Dit belet echter niet dat het wél een begin van schriftelijk bewijs uitmaakt. De wet van 11 maart 2003 sluit de toepassing van artikel 1347 BW geenszins uit (zie R. Bisciari, “Het bewijs in de elektronische context” in X, Elektronische Handel: juridische en praktische aspecten, Heule, UGA, 2004, 272-273: “Aldus kunnen elektronische berichten die niet voldoen aan de voorwaarden om erkend te worden als elektronische onderhandse akten (e-mail zonder perfecte elektronische handtekening, sms-jes, kopieën ...) omdat zij geen enkele garantie bieden inzake de integriteit van het document en de identificatie van de auteur, toch de kwalificatie van “geschrift” toegekend krijgen indien de voorwaarden inzake leesbaarheid en stabiliteit vervuld zijn. Zij kunnen dan de waarde van een begin van bewijs door geschrift toegekend krijgen, op voorwaarde dat zij beantwoorden aan de definitie hiervan, of van een vermoeden. Zodoende kunnen zij dan, aangevuld met andere elementen, bewijskracht genieten”).
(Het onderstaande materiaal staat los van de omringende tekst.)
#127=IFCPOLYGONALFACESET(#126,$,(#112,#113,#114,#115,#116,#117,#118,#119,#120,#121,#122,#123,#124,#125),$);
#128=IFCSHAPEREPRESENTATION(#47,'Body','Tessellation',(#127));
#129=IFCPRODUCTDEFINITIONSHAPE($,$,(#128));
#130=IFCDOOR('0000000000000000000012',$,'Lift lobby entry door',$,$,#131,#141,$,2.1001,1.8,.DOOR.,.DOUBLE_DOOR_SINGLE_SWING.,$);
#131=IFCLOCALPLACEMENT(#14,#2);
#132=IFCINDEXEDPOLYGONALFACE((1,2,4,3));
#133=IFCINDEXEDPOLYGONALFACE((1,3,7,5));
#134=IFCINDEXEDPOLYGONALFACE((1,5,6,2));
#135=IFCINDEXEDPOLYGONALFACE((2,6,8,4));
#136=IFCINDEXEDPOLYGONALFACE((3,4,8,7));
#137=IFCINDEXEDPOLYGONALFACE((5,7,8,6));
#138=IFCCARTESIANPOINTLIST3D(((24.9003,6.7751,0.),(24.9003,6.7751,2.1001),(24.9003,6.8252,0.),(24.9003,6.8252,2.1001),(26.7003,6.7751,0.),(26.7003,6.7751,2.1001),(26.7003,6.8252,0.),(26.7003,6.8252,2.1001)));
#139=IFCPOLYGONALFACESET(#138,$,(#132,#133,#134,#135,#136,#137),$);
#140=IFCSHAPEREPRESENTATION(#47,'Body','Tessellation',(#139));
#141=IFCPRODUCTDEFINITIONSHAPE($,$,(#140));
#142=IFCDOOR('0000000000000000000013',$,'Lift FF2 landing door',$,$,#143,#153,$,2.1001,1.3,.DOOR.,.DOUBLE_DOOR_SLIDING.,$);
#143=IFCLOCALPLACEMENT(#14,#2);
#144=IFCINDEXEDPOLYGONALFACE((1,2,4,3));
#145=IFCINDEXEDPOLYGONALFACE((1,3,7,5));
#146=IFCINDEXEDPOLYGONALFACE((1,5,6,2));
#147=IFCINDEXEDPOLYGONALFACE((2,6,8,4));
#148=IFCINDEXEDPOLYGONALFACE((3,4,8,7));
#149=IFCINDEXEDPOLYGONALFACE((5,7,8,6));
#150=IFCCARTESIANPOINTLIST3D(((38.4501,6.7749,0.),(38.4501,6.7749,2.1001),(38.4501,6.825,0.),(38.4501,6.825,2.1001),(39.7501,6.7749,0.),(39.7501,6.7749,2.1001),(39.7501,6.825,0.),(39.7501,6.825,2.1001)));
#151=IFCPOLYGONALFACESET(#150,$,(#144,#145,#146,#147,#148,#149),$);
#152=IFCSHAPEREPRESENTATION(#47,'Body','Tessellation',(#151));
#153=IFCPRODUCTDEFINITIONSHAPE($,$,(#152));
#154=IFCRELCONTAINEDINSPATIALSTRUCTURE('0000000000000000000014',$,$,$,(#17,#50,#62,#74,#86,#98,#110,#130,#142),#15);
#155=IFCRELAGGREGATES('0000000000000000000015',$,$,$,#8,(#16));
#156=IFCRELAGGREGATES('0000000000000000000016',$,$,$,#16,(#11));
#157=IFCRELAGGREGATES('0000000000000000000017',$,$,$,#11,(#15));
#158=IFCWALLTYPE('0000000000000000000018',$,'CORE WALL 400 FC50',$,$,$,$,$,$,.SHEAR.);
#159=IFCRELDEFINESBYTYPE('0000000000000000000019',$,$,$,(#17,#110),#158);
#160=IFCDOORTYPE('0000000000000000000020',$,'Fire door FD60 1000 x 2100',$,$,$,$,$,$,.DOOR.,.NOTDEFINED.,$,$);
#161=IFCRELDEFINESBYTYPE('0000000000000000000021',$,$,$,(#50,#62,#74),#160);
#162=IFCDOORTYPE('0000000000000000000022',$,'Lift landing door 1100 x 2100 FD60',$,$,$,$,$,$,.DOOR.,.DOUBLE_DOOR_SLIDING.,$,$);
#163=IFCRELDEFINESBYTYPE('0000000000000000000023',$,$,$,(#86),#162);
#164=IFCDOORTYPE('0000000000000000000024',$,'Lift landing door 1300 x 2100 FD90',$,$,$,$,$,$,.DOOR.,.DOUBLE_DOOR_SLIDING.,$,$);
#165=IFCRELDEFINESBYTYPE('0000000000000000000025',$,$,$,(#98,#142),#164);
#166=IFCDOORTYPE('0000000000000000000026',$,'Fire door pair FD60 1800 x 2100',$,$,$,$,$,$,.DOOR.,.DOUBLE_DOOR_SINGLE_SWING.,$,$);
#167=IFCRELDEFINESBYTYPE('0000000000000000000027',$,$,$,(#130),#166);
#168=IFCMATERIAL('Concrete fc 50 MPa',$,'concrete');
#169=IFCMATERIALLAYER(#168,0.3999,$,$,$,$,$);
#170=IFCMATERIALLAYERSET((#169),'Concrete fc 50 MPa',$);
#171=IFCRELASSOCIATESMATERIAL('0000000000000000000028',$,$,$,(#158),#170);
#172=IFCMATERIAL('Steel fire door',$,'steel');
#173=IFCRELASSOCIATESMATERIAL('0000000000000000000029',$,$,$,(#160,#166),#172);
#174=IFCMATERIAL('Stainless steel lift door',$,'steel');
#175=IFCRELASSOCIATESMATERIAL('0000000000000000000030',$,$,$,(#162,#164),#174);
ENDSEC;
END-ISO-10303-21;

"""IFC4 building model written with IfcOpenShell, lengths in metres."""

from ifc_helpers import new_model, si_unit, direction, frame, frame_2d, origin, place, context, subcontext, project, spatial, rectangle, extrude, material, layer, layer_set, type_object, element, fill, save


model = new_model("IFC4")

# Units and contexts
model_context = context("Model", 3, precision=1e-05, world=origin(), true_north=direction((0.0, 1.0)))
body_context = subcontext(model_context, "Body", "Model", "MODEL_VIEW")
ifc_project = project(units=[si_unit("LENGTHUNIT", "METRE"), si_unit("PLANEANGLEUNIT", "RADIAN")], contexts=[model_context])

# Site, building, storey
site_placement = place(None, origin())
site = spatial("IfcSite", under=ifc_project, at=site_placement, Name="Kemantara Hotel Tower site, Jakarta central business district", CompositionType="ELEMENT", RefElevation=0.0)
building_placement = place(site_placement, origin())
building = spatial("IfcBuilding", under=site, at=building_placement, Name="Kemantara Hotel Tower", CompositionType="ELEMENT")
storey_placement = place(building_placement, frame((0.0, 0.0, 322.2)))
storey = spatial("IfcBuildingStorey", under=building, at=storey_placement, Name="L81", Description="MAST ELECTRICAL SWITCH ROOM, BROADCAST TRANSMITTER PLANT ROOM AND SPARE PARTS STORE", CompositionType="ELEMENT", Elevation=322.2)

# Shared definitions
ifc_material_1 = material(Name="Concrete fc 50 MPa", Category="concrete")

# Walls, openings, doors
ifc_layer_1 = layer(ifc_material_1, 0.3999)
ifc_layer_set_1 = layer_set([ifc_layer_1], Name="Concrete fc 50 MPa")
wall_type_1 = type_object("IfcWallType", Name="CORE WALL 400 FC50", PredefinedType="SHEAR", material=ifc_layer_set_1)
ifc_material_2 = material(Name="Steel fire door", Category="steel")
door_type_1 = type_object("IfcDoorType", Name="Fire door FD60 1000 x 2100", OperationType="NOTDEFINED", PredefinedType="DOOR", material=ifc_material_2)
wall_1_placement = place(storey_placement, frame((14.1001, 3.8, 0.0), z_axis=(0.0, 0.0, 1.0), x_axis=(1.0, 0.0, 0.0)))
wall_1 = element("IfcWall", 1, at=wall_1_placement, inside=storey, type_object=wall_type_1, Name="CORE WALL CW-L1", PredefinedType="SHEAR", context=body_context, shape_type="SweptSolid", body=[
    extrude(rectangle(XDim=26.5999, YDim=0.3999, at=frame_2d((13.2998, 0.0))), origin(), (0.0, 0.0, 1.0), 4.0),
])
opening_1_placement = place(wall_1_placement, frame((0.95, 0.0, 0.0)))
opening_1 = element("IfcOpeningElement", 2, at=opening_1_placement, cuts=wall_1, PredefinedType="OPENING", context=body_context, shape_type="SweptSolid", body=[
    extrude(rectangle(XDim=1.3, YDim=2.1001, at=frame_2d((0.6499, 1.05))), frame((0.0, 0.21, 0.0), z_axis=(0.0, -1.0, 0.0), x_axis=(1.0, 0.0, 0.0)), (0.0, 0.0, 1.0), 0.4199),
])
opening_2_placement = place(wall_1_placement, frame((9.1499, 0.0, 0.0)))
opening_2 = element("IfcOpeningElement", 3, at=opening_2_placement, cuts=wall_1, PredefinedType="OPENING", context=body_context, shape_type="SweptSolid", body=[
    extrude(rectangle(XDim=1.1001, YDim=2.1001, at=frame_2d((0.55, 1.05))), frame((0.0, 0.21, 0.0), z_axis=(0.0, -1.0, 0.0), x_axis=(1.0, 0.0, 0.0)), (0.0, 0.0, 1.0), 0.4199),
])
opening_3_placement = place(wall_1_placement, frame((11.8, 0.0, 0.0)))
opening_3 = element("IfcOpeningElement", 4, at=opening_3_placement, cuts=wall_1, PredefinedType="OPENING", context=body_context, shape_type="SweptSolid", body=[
Wanneer een begin van schriftelijk bewijs voorligt, is het een partij, in afwijking van artikel 1341 BW, toegelaten gebruik te maken van aanvullend bewijs, zelfs getuigen en vermoedens.
Dit neemt dan evenwel niet weg dat een partij die zich op een Sms-bericht beroept als begin van bewijs in haar verdere bewijsvoering kan falen.
zie ook Antwerpen 29 april 2013, NjW 2014, afl. 300, 319:
De bewijsverplichtingen van artikel 1341 BW kent een uitzondering wanneer een begin van bewijs door geschrift aanwezig is (art. 1347 BW). Omdat van een sms-bericht niet met zekerheid vaststaat dat die uitgaat van de verwerende partij, kan een smsbericht niet aanzien worden als een begin van bewijs.